Yang Xiaoping, Zhang Zhongxia, Zhang Zhongqiu, Mo Yuting, Li Lianbei, Yu Li, Zhu Peican
School of Information, Renmin University of China, Beijing 100872, China.
School of Computer Science, Northeastern University, Shenyang 110819, China.
Comput Intell Neurosci. 2016;2016:2093406. doi: 10.1155/2016/2093406. Epub 2016 Nov 29.
Manual annotation of sentiment lexicons costs too much labor and time, and it is also difficult to get accurate quantification of emotional intensity. Besides, the excessive emphasis on one specific field has greatly limited the applicability of domain sentiment lexicons (Wang et al., 2010). This paper implements statistical training for large-scale Chinese corpus through neural network language model and proposes an automatic method of constructing a multidimensional sentiment lexicon based on constraints of coordinate offset. In order to distinguish the sentiment polarities of those words which may express either positive or negative meanings in different contexts, we further present a sentiment disambiguation algorithm to increase the flexibility of our lexicon. Lastly, we present a global optimization framework that provides a unified way to combine several human-annotated resources for learning our 10-dimensional sentiment lexicon SentiRuc. Experiments show the superior performance of SentiRuc lexicon in category labeling test, intensity labeling test, and sentiment classification tasks. It is worth mentioning that, in intensity label test, SentiRuc outperforms the second place by 21 percent.

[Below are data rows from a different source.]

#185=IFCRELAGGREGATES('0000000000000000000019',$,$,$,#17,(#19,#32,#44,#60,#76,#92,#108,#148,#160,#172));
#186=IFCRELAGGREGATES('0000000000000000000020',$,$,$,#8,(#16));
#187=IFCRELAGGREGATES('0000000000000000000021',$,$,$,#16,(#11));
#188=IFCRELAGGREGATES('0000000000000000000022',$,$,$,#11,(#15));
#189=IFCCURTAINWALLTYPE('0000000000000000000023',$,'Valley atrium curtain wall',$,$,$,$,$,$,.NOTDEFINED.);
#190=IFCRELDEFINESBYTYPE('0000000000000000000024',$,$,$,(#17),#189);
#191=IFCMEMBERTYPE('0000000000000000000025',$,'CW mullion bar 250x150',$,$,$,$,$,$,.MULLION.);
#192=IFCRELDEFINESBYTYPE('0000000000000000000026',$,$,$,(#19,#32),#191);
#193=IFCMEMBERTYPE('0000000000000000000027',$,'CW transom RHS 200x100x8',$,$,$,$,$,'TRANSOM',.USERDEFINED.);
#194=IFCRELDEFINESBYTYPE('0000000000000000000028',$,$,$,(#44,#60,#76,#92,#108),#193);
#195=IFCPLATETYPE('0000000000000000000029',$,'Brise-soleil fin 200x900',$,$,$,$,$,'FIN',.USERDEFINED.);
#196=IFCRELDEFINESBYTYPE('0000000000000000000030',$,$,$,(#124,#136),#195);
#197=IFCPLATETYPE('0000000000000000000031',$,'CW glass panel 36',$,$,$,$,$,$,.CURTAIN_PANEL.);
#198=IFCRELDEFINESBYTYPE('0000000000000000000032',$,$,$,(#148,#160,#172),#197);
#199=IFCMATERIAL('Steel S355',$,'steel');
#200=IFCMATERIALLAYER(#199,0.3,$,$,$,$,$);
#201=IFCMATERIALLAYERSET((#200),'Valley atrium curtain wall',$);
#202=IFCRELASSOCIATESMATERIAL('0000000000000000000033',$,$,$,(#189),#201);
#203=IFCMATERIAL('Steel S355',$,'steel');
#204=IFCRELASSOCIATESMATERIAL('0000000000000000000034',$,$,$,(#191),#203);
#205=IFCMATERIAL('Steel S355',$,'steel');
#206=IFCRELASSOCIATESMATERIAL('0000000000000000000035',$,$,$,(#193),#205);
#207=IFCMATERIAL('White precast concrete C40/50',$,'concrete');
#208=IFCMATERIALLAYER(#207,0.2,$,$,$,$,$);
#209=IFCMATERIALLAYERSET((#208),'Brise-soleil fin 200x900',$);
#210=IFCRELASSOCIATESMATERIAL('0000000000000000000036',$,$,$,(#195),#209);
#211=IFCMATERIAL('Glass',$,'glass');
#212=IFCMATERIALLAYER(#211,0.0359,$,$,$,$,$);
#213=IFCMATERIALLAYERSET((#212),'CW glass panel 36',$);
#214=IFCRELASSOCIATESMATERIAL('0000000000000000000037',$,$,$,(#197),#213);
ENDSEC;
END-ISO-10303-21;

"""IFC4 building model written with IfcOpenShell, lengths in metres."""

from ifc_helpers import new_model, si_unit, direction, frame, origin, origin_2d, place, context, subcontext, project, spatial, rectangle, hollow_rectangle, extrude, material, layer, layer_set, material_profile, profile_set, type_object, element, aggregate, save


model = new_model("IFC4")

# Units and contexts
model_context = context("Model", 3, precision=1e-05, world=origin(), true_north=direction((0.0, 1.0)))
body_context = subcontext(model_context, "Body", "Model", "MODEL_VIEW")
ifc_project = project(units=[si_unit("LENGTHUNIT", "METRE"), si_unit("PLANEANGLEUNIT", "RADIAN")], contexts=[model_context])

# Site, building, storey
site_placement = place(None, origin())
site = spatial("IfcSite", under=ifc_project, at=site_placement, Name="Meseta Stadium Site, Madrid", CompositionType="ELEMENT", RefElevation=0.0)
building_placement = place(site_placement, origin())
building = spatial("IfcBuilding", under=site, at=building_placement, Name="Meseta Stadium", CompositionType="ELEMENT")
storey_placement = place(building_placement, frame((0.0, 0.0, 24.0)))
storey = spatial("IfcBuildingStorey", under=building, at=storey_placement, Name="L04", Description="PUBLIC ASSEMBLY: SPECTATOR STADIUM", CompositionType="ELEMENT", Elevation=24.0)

情感词典的人工标注耗费过多人力和时间,而且难以对情感强度进行准确量化。此外,对某一特定领域的过度强调极大地限制了领域情感词典的适用性(Wang等人,2010年)。本文通过神经网络语言模型对大规模中文语料库进行统计训练,并提出一种基于坐标偏移约束构建多维情感词典的自动方法。为了区分那些在不同语境中可能表达正负两种含义的词语的情感极性,我们进一步提出一种情感消歧算法,以提高词典的灵活性。最后,我们提出一个全局优化框架,该框架提供了一种统一的方式来整合多种人工标注资源,用于学习我们的10维情感词典SentiRuc。实验表明,SentiRuc词典在类别标注测试、强度标注测试和情感分类任务中表现优异。值得一提的是,在强度标注测试中,SentiRuc比排名第二的高出21%。